We are due another rent installment that the tenants pay on the 1st each month. I have 3 questions around this.

1) can we contact the tenants and redirect their rent to prevent more of our money that we need to pay the mortgage being held by this man. As in are there contractual obligations?

2) How can we get our money back from this man? He has been stalling and fobbing us off.

3) Is he liable if that tax is not paid to revenue? can this come back on us?

Does anyone have any advice

Much appreciated

Ari


----------



## sadie (30 Mar 2010)

*Re: Letting agent and property manager witholding rent*

Why would your estate/letting agent be withholding Tax for you???

Surely your tax affairs are between you and Revenue. 
I don't understand what tax is being withheld here.
He does not have to pay tax on your behalf, not sure what he's talking about.


----------



## mathepac (30 Mar 2010)

*Re: Letting agent and property manager witholding rent*



sadie said:


> Why would your estate/letting agent be withholding Tax for you??? ...


An agent collecting rents on behalf of a non-resident landlord is obliged by the Revenue to deduct 20% of the rents and return this directly to the Revenue - they get special PPSNs for this.
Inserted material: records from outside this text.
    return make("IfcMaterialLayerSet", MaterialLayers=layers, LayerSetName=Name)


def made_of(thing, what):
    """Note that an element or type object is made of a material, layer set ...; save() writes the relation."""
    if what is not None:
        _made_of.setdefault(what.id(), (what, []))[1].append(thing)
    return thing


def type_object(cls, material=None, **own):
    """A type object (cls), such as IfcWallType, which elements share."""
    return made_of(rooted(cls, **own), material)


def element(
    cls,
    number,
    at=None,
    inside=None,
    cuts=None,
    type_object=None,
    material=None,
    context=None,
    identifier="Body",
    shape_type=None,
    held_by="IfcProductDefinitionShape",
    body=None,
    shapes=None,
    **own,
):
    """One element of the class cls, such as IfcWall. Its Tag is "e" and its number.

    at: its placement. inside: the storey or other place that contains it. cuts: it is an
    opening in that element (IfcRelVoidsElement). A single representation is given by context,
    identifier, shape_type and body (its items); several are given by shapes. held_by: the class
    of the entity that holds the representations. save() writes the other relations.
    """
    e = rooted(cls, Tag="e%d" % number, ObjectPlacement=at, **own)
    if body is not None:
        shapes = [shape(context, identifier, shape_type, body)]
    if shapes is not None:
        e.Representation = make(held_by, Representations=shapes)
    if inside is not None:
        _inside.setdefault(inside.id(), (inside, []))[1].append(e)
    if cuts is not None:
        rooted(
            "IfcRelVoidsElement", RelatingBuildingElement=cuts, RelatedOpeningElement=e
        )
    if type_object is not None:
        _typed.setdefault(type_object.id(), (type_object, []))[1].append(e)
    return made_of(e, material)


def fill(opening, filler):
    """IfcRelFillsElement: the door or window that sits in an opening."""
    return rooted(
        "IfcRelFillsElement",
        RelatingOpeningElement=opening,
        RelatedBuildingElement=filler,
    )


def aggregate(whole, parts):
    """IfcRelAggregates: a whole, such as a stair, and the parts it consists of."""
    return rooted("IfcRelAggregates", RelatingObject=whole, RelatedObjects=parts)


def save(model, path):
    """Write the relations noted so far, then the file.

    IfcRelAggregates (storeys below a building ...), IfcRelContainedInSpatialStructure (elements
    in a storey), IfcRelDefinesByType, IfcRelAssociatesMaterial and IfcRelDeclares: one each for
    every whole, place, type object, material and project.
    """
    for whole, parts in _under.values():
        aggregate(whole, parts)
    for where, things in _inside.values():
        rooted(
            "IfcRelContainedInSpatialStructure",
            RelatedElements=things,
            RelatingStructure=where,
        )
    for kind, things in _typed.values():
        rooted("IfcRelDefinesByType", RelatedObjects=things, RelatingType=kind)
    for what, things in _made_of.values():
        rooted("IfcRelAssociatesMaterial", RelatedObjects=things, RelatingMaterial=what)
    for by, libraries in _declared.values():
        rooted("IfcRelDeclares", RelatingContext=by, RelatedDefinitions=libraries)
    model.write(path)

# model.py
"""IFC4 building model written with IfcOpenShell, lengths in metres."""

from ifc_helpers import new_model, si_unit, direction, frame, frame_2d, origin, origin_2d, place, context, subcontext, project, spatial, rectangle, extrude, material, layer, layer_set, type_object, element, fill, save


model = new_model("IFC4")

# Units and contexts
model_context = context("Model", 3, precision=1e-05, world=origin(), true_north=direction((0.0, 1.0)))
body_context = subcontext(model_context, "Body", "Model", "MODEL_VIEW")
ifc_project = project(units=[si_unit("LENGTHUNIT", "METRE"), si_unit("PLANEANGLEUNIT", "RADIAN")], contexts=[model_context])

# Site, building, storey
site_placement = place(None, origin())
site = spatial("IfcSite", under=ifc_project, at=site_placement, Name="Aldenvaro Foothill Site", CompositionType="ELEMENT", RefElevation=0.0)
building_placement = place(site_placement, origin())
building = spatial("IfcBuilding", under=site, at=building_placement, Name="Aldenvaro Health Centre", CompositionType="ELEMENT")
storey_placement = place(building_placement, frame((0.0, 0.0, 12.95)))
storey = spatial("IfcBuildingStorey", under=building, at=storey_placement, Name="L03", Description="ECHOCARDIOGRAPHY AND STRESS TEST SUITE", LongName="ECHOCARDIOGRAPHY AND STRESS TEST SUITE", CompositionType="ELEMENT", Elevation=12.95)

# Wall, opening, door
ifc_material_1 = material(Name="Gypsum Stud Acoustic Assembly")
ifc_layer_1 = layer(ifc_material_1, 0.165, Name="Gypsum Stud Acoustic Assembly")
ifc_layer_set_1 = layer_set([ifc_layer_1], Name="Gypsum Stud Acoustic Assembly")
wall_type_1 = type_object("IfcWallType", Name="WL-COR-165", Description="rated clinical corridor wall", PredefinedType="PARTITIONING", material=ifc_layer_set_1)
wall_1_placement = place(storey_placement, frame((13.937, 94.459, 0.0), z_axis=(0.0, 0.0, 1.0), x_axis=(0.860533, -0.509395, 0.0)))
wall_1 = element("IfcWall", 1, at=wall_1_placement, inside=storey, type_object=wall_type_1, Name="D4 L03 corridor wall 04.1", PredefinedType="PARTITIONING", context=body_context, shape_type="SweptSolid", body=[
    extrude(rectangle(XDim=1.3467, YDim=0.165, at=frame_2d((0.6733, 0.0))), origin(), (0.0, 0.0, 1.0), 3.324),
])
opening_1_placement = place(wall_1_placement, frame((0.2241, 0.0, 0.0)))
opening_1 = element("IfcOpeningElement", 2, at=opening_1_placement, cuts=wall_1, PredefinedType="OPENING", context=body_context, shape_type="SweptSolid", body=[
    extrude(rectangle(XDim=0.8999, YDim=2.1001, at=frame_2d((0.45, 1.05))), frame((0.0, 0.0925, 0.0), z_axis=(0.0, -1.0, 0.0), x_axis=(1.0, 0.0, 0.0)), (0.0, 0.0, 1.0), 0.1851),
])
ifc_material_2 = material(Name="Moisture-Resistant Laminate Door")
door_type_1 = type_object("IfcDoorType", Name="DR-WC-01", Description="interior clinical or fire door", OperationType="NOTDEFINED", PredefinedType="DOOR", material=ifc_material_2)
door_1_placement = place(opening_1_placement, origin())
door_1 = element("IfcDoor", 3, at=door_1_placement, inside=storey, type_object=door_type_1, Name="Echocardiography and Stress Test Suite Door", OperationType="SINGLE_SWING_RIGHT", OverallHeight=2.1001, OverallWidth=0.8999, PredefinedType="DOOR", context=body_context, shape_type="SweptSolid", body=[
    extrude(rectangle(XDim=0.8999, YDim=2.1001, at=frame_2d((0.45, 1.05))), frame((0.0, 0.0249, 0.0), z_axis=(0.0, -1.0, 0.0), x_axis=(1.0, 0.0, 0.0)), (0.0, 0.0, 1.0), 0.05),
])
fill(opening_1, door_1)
Tenants paying rents to non-resident landlords have the same obligations.


----------



## AlbacoreA (30 Mar 2010)

*Re: Letting agent and property manager witholding rent*

Is there a contract with an escape clause?


----------



## Breninio (30 Mar 2010)

*Re: Letting agent and property manager witholding rent*

You say that you hired the agent to let and manage the property for you. Were they actually registered with Revenue to act as collecting agent on your behalf? 

A tenant is required to withhold tax at 20% from rents paid to a non resident landlord. However if that non resident landlord has an Irish resident collecting agent then the 20% withholding does not apply. 
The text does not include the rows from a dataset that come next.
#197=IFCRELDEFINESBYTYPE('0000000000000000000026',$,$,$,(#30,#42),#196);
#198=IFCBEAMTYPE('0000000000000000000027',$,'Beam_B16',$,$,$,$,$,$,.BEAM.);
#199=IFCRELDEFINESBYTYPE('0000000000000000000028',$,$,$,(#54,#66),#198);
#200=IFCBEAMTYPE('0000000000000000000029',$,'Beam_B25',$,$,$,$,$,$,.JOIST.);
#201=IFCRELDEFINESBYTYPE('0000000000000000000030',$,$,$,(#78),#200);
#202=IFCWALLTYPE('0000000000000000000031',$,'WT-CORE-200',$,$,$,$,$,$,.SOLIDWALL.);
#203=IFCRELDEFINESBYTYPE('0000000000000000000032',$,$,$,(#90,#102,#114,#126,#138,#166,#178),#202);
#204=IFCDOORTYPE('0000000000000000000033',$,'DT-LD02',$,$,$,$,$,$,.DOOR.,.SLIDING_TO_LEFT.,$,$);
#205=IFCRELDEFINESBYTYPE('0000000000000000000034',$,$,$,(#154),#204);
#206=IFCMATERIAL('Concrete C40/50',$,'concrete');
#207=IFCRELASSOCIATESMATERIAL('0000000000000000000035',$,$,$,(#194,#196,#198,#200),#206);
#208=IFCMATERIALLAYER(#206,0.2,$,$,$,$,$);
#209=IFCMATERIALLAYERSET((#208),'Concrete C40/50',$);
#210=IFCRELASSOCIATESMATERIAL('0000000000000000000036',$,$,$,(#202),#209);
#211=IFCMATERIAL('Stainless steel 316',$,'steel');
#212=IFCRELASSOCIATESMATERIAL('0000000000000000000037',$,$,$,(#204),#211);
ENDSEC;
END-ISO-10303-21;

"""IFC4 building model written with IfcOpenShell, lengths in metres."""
The registering of a colleting agent is very straightforward and it does not have to be an estate/letting agent. The collecting agent receives rent on behalf of the non resident landlord and files a tax return in respect of the rents received. Do you have a collecting agent?

Even if you don't have a collecting agent, the maximum that should be withheld from the rent is 20%. 
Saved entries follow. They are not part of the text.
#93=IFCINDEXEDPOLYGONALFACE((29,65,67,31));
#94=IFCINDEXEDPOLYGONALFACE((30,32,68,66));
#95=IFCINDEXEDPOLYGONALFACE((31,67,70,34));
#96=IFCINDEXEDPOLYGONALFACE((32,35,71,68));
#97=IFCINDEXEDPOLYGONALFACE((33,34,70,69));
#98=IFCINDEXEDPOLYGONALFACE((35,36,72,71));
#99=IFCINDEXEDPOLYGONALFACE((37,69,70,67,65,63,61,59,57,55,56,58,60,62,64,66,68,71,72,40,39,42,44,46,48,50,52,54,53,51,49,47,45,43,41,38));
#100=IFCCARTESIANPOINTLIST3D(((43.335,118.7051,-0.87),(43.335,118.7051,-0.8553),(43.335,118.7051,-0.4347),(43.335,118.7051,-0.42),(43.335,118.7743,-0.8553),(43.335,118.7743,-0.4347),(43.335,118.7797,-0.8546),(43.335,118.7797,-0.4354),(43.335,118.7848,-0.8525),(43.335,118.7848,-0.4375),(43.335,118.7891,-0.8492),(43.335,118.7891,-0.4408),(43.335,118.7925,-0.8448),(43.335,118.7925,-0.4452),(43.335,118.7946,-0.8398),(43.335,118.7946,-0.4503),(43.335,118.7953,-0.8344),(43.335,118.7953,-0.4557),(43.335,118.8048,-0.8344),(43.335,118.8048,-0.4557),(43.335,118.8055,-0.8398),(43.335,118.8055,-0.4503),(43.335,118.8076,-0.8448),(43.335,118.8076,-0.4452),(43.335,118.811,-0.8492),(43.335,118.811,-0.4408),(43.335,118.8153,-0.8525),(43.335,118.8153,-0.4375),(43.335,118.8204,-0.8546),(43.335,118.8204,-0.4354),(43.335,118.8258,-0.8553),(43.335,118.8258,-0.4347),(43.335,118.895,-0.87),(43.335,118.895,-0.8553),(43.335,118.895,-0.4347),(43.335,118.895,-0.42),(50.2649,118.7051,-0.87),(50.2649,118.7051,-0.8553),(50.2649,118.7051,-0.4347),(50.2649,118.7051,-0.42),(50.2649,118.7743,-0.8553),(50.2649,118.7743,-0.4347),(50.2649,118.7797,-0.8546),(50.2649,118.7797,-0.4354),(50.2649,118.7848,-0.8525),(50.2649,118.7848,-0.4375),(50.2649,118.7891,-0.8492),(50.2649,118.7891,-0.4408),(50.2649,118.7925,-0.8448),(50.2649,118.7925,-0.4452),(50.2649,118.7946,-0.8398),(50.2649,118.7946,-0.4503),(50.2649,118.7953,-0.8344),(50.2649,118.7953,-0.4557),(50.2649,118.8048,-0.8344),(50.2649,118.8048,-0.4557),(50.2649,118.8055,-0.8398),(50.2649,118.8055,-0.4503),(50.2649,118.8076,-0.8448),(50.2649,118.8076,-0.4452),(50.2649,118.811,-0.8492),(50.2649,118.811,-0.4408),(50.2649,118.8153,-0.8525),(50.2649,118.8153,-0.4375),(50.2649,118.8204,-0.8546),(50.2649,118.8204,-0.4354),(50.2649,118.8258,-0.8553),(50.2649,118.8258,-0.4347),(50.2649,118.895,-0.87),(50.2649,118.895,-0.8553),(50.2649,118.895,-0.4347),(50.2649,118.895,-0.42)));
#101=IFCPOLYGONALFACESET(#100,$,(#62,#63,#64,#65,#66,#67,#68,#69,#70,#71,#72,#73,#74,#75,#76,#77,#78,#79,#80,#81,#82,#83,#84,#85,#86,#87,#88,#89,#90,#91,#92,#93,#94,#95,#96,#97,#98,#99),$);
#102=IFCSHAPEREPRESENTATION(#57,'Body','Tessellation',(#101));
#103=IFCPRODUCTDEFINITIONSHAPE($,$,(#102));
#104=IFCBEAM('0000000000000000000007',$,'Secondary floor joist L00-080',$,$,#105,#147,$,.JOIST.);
You say that the estate agent has not passed on *any* rent for 5 months. You need to take action immediately. It sounds to me that you are dealing with a cowboy agent and you need to sort the situation out. I would certainly make arrangements to receive the rent directly and wouldn't let any more good money follow bad. Then you need to get the past 5 months rent off of him. 

My first point of call would be to do everything you can to contact him dierectly and explain that you intend notifying police/taking legal action, this should hopefully be enough to get the money owed to you. 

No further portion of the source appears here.